# Lenses for climbing photography



## Hannes (May 13, 2013)

Not sure if anyone on the forums has any experience to share for shooting climbing but here goes. I'm looking for a new telelens and is wondering if there is a better option than a Canon 70-200 2.8 and a 1.4x TC. 

Photographing climbers is a bit tricky because of the perspective. Shoot from underneath and you only get shots of various bums and soles of feet while if you shoot from above you usually get tops of heads or people looking like they are straining while on the toilet. The only way to really shoot properly is being at the same height as or slightly above your subject which then means you can only rarely choose how far from your subject you will be. Because walking with a pack full of climbing gear is heavy enough and then adding a couple of heavy lenses makes my knees hurt just thinking about it, so it can't weigh too much either. Since I live in Britain weather is well, inclement at times. During the last six trips I've been to Wales I've been hailed on five of those trips so weather sealing is a plus. I'm by no means a professional and do it only as a hobby though I have managed to get several hundred pounds worth of gear as a result of the photos I've taken. It is far from what I shoot most but it is the bit where I'm finding my equipment lacking a bit. 

I'm currently using a 40D, a 400D, a 24-105, a sigma 70-200 f2.8 and a 58mm f2 MF lens. The 400D will be replaced with a 5DII as soon as I find one which looks clean and doesn't cost too much. The 400D and sigma were bought for selling again as they were really cheap and below market value. The 40D will be replaced somewhere down the line with something a bit more weather resistant.

I've been trying to come up with the ideal lens combo for photographing climbers and it is a bit tricky. I know from previous experience that equivalent of 200mm on FF isn't enough reach a lot of the time. A reasonable aperture is very handy as backgrounds, especially indoors, are very distracting if not blurred out properly. It is also usually pretty dark indoors but movement isn't fast most of the time so 1/125 is often enough to get sharp pictures if stabilised. For indoors I may well be able to bring two bodies but for outdoors it'll be too much to carry with me and two lenses will max probably.

So far for me I'm leaning towards a used canon 70-200 f2.8 MKI (MKII is more than I can justify spending, especially as I'll need a TC as well) with a MKII 1.4x TC. The option of having a 2.8 aperture is very appealing for lots of other photography apart from just climbing so is a pretty big plus. Other lenses I have thought about would obviously be the 100-400L but I'm not sure about the rather small max aperture and not so modern IS and not to mention the reputation of being a dust sucker. Push pull I don't mind as I've used those before in the film days. Sigmas 120-300 f2.8 is a bit big and the new version too expensive anyway. The sigma 100-300 f4 would have been ideal FL and aperture if only it'd had some form of stabilisation. The 70-300L is no doubt a very good focal length and lens but again the aperture isn't very exciting. The new sigma 70-200 f2.8 OS and the sigma 120-400 aren't really more appealing than their canon counterparts unfortunately. The Canon 300 f4 IS has crossed my mind several times as they go quite cheap, I'm just worried about the lack of zoom given my limitations in choosing a position as 300mm may well be too long. Had it worked to bring two bodies it would be a solid option. Tripod and flash will rarely be with me as I won't be able to use them so don't count on those. 

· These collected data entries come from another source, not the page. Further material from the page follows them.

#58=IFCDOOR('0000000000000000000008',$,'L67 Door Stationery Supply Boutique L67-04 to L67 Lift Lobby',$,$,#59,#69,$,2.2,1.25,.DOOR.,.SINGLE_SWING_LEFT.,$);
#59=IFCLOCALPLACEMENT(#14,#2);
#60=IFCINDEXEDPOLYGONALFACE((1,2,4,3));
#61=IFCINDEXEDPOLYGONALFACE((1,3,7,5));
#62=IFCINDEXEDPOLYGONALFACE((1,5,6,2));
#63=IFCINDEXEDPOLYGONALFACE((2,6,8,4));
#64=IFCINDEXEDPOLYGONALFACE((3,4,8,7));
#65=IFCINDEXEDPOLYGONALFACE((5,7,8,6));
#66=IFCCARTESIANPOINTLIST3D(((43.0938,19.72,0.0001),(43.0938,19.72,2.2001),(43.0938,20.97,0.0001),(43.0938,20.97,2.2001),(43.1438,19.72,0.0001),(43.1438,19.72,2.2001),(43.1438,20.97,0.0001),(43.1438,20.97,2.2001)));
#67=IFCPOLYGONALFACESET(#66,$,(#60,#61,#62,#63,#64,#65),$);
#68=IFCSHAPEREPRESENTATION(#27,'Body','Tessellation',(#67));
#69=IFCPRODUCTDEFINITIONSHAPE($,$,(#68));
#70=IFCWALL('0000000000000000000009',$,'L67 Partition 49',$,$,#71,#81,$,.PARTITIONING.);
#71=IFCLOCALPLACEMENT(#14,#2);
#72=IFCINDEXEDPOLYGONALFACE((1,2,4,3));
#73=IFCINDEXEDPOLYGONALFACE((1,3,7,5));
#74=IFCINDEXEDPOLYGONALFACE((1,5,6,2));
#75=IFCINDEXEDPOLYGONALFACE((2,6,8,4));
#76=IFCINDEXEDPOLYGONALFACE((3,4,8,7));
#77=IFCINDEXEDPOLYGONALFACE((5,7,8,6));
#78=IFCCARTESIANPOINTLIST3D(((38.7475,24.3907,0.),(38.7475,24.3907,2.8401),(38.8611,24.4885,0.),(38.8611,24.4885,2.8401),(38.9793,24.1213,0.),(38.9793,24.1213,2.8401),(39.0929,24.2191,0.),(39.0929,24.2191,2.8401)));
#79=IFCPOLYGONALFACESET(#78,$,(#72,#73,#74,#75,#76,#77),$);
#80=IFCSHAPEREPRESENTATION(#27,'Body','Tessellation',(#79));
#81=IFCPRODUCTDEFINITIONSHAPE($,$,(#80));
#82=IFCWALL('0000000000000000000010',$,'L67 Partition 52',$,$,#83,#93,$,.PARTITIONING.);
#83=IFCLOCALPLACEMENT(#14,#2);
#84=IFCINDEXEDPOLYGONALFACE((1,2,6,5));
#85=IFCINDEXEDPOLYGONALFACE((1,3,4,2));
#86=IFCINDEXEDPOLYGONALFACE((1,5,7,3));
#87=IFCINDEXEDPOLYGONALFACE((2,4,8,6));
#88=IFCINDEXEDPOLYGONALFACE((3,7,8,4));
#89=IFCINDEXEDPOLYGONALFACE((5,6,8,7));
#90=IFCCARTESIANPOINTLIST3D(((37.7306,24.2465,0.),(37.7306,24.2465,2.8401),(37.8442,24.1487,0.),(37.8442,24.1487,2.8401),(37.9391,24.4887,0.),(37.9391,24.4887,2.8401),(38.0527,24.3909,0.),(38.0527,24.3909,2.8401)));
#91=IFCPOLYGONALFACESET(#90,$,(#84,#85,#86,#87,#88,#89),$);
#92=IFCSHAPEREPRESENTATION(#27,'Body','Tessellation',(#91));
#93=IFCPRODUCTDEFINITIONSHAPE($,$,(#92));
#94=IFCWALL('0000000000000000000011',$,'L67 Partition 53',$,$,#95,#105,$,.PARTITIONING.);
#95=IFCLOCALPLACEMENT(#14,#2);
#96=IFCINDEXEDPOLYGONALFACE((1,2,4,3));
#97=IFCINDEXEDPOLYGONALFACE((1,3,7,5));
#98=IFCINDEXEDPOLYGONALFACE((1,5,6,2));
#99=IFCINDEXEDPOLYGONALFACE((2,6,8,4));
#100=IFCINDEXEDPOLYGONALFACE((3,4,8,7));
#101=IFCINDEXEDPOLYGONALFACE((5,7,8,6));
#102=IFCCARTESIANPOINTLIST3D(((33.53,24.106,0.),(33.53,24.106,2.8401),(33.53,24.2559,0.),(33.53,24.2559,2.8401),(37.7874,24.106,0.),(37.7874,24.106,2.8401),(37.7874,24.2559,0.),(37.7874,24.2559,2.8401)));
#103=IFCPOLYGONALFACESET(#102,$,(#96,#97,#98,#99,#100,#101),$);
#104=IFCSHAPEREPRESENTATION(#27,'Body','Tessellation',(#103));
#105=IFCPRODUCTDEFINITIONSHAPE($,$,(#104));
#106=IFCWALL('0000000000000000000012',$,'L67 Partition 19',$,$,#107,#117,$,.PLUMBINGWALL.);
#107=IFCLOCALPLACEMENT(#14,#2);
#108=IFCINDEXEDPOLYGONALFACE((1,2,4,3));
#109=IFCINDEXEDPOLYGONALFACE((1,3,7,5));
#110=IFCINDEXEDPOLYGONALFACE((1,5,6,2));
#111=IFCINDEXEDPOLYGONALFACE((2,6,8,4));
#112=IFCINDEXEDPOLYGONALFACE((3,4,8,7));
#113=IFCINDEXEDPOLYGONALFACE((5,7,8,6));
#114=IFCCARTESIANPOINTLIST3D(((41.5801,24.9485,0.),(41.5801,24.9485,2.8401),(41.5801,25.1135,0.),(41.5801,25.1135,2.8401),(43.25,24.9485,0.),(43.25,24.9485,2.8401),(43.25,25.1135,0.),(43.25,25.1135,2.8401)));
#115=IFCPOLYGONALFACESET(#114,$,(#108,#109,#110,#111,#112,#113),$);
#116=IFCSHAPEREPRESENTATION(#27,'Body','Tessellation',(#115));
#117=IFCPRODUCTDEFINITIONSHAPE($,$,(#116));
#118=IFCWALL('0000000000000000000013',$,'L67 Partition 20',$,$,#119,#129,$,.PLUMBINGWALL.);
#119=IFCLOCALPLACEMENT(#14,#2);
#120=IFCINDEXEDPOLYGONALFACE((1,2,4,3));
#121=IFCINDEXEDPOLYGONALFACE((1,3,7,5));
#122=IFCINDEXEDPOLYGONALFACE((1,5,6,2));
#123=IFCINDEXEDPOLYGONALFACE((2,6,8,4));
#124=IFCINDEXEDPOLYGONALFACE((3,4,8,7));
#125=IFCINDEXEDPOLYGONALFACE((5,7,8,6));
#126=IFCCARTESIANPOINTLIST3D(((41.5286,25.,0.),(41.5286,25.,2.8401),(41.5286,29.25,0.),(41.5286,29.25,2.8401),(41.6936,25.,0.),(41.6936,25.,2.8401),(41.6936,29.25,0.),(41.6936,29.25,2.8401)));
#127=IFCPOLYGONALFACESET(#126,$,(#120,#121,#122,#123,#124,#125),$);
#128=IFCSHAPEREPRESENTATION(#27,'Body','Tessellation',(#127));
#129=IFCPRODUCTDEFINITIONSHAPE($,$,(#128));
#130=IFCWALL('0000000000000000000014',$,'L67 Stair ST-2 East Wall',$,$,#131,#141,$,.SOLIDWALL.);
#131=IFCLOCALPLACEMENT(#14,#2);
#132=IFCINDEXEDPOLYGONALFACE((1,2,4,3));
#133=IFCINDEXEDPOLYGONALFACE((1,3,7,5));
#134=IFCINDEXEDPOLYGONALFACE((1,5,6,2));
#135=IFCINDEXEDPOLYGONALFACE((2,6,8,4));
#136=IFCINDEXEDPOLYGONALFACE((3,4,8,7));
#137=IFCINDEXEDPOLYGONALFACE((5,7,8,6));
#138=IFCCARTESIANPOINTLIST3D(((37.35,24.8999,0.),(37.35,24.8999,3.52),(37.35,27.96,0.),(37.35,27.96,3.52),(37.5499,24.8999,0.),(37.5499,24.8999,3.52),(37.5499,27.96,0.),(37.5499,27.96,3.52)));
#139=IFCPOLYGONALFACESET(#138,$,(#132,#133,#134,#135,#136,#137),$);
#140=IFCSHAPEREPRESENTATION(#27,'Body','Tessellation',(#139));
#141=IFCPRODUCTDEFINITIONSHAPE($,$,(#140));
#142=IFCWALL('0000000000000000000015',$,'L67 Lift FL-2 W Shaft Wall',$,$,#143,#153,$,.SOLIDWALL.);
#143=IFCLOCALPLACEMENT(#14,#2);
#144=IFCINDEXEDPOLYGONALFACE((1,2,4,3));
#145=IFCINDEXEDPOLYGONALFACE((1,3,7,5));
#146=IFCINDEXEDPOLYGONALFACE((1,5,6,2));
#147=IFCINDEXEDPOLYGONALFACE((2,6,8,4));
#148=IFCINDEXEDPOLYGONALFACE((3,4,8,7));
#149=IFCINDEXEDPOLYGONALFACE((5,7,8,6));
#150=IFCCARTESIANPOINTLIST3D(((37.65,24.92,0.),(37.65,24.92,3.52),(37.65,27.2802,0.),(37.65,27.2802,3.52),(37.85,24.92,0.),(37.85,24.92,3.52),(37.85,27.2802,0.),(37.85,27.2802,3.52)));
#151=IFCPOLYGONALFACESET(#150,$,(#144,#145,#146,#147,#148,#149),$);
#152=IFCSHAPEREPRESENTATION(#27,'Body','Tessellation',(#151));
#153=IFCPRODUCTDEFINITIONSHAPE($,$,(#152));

Anybody have any insights to share or should I just go for the 70-200 I with a TC and be happy? Once the 5DII has been bought I doubt I will opt for the 40D much so won't have the crop advantage. Buying a compact feels a bit like a step backwards and I do have one which I usually bring as it fits in a pocket. Pictures coming out of it are a bit of a let down though. I'd rather buy a (cheap) used lens and sell it on rather than renting as I'm spending too much on this hobby as it is. I'm happy enough with the 24-105 so I'll keep that for the foreseeable future


----------



## neuroanatomist (May 13, 2013)

I'd say 70-300L. The 5DII will give you ~1.5 stops higher ISO for the same noise, which will compensate for the f/5.6 long end. In terms of DoF, f/2.8 on APS-C is like f/4.5 on FF.


----------



## miah (May 13, 2013)

I agree with Neuro. I climb, own the 70-300L, and find they're a great combo. With this lens instead of the 70-200 you could also dispense with the 1.4X TC--a pain to be putting on and taking off when you're up high. It's well weather sealed, built like a tank, relatively small, and produces some of the sharpest pictures you'll ever get out of a zoom.


----------



## jointdoc (May 13, 2013)

One of my instructors did a lot of shooting of climbers. I am enclosing a link to her website. You can contact her and see what she used.

http://www.keengraphics.net/gallery/index.php?gallery=vertical


----------



## rambarra (May 13, 2013)

I have done a bit of roped work and shot some climbing videos myself.

Personally I am not a big fan of extremely long focals in climbing photography. As you pointed out best angles are obtained hanging at the side and slightly above the climber. If you are able to place your rope close enough to the climber a 24-105 or even a 16-35 are more suited for the work compared to a heavy 70-200, which is quite difficult to handle when you will be swinging around attached on a rope (especially when doing videos).

Of course if you are far from the climber and/or if you need to isolate the climber from background or make details of hands and such a super tele is best suited. 

watch gimenez work to see what I am talkin about.

BD athlete Adam Ondra on first ascent of L'étrange Ivresse des Lenteurs (9a+), Ceüse, France


----------



## tolusina (May 13, 2013)

See this thread......
http://www.canonrumors.com/forum/index.php?topic=14715.0


----------



## Hannes (May 13, 2013)

rambarra said:


> Personally I am not a big fan of extremely long focals in climbing photography. As you pointed out best angles are obtained hanging at the side and slightly above the climber. If you are able to place your rope close enough to the climber a 24-105 or even a 16-35 are more suited for the work compared to a heavy 70-200, which is quite difficult to handle when you will be swinging around attached on a rope (especially when doing videos).
> 
> Of course if you are far from the climber and/or if you need to isolate the climber from background or make details of hands and such a super tele is best suited.



Indeed, some of the very best climbing photos I've ever seen were taken with a 24mm (Ed Webster and his pictures of the Neverest buttress route). The IS makes a massive difference when dangling I've noticed which is really when the 24-105 would shine. What I was looking for was mainly for when standing somewhere on the crag shooting people from the side if it is too much hassle to rig up a rope and jumars etc, remember this is a hobby and my I doubt my friends would happily hang around forever while I faff with a rope or two.

I'll give the 70-300L some serious thought, it isn't perfect but then few things rarely are. I may well end up getting a 70-200 f2.8 down the line but you certainly have a point with regards to the weight of it.


----------